Jordaan Fouche: "During the 2008 financial crisis equities fell sharply. However, small and mid cap stocks fell even faster, due to higher perceived risk and lack of liquidity. The focus of the fund is on mid and smaller cap companies, many of whom had projects in developing countries. The general flight out of equities and in saver asset classes resulted in a severe drop in the fund performance. As a result the fund underperformed its peer group."

Performance Review 2009

Jordaan Fouche: "After the severe selloff in 2008, which was partly driven by panic selling and not by fundamental valuations, the invested stocks showed historically low valuations. For example, some market caps were below net cash holdings, which emphasised the attractive valuations of the fund. With a return of the market to value investing, the fund could significantly outperform the shown benchmark (+68% vs. 31%).

The positive performance during 2009 emphasised the observation that the Earth Energy Fund UI can outperform its peers in times when the market is driven by fundamental valuations."

Performance Review 2010

From inception to September 2010: Jordaan Fouche; from October 2010: Willem de Meyer: "The early part of 2010 showed relatively flat performance, following markets recovery in 2009. From September 2010, with the announcement of QE2, equity markets started to perform positively. The EARTH ENERGY FUND UI showed significant outperformance due to its esposure to smaller cap oil producers and a large exposure to international coal producers."

Performance Review 2011

Willem de Meyer: "After the stellar performance of 2010, the early part of 2011 showed a slow decline in equity markets. The EARTH ENERGY FUND UI underperformed markets in general, due to its initial large exposure to coal producers, and its lack of exposure to independent refiners and super major oil companies. The independent refiners outperformed due to the discount that opened up between WTI and Brent.This also benefitted the super major integrated companies. In April, with the natural disaster in Japan and the subsequent nuclear catastrophe, the fund’s exposure to uranium producers contributed slightly to its underperformance. Equity markets then reacted very negatively in August to the US debt debacle and reached a low point in October. Recovery from there, were led by lower risk, large cap companies. The fund gradually moved its weighting more to large cap, senior oil producers and reduced its weighting to coal miners."
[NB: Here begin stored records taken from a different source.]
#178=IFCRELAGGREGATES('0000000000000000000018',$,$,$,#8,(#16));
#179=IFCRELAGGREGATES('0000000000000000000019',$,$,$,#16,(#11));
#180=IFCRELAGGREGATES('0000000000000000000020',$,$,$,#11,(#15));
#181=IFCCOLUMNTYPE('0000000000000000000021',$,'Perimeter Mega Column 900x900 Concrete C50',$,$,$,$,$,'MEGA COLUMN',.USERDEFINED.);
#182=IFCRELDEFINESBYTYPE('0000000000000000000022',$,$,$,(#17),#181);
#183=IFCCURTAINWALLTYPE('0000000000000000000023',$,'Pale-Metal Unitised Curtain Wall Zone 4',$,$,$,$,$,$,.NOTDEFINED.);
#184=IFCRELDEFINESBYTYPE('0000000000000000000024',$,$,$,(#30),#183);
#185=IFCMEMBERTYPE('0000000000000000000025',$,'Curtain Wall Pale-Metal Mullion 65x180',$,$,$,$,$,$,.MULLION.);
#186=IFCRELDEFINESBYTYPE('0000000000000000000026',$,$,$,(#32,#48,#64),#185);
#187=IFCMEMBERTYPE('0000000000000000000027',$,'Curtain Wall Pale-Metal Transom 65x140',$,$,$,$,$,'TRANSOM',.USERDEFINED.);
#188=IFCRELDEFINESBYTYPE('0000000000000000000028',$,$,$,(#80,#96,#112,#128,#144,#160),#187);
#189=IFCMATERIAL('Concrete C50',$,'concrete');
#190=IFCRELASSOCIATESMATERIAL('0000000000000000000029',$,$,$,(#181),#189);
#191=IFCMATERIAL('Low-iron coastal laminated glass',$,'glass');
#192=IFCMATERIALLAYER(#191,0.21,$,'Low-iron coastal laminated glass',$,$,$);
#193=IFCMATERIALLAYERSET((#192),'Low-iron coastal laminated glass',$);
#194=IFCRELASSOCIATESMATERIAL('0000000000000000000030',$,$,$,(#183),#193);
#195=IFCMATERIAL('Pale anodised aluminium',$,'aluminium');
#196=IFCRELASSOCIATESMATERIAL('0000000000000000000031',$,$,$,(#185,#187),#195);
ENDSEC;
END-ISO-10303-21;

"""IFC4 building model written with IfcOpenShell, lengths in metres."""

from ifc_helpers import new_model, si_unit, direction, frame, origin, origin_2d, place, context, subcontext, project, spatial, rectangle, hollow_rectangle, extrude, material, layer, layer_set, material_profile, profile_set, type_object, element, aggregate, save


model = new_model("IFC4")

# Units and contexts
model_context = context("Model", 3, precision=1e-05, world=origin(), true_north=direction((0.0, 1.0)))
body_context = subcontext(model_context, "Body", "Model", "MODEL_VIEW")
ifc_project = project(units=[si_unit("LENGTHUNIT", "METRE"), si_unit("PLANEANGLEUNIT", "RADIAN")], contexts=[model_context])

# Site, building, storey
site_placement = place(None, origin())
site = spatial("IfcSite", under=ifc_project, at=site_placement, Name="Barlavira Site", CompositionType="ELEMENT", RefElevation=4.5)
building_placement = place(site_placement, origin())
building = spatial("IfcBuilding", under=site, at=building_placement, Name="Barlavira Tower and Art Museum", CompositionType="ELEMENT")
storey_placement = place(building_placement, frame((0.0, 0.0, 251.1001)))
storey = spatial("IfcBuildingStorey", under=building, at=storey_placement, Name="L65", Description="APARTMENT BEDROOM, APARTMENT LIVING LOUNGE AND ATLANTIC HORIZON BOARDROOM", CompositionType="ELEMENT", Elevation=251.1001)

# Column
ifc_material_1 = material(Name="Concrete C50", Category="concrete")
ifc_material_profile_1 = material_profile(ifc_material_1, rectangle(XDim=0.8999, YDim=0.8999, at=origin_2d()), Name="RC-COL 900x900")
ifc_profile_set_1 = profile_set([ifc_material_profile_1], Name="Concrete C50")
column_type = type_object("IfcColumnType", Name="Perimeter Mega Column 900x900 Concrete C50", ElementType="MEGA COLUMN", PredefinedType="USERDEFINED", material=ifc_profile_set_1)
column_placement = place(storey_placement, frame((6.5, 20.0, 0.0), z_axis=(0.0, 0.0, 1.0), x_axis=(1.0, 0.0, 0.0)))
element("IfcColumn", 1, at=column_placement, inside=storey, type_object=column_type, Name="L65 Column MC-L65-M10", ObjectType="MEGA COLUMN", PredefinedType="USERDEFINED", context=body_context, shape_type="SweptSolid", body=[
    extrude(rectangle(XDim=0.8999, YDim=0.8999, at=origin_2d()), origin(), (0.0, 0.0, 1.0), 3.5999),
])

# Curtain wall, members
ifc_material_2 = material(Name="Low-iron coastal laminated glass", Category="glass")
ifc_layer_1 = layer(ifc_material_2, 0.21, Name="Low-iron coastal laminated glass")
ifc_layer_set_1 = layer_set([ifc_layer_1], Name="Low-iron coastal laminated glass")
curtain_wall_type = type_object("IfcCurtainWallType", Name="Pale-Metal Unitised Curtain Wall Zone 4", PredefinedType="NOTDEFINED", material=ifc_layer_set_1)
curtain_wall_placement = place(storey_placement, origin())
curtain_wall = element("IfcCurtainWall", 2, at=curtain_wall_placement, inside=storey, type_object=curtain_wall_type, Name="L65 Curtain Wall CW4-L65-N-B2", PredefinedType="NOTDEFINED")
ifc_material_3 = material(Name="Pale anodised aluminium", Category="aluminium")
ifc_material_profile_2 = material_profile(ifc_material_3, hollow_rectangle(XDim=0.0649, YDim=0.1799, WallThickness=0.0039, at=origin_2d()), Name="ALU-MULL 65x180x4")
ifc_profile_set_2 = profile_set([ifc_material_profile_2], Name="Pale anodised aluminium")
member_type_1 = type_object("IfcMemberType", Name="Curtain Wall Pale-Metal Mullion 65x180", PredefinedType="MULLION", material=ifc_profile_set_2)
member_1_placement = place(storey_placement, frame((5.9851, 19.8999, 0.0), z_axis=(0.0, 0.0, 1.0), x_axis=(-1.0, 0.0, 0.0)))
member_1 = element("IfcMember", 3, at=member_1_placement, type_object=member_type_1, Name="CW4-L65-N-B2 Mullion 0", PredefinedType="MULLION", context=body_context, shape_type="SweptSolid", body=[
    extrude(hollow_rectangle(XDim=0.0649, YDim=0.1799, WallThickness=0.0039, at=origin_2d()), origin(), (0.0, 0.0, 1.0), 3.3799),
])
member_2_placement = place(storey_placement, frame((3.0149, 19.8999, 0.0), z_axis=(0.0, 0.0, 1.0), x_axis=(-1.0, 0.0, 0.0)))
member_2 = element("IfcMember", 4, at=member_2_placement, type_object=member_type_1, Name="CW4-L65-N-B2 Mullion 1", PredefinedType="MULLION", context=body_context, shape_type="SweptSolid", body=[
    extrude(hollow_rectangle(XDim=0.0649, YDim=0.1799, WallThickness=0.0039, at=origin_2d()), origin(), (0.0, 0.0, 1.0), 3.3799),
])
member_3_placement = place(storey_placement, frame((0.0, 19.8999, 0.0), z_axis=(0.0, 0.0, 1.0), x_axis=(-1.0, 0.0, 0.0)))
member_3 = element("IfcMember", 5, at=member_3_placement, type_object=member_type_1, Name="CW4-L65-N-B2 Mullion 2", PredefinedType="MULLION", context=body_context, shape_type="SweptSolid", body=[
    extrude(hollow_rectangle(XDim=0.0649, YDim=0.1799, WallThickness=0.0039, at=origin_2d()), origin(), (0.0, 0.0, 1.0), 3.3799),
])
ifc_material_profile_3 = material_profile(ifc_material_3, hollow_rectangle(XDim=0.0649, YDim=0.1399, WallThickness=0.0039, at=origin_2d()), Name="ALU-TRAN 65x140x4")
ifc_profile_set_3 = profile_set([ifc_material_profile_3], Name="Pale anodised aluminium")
Performance 2012 - Year-to-Date

Willem de Meyer: "In spite of ongoing sovereign debt concerns in Europe, equity markets had a strong performance in the early 2 months of the year. The EARTH ENERGY FUND UI also showed good recovery. Given the indications of investor appetite for risk and equities returning, the fund slowly started to increase its exposure to small cap oil producers with exceptional resource upside. Investment in producers of natural gas are limited in light of persistent oversupply and low prices in North America."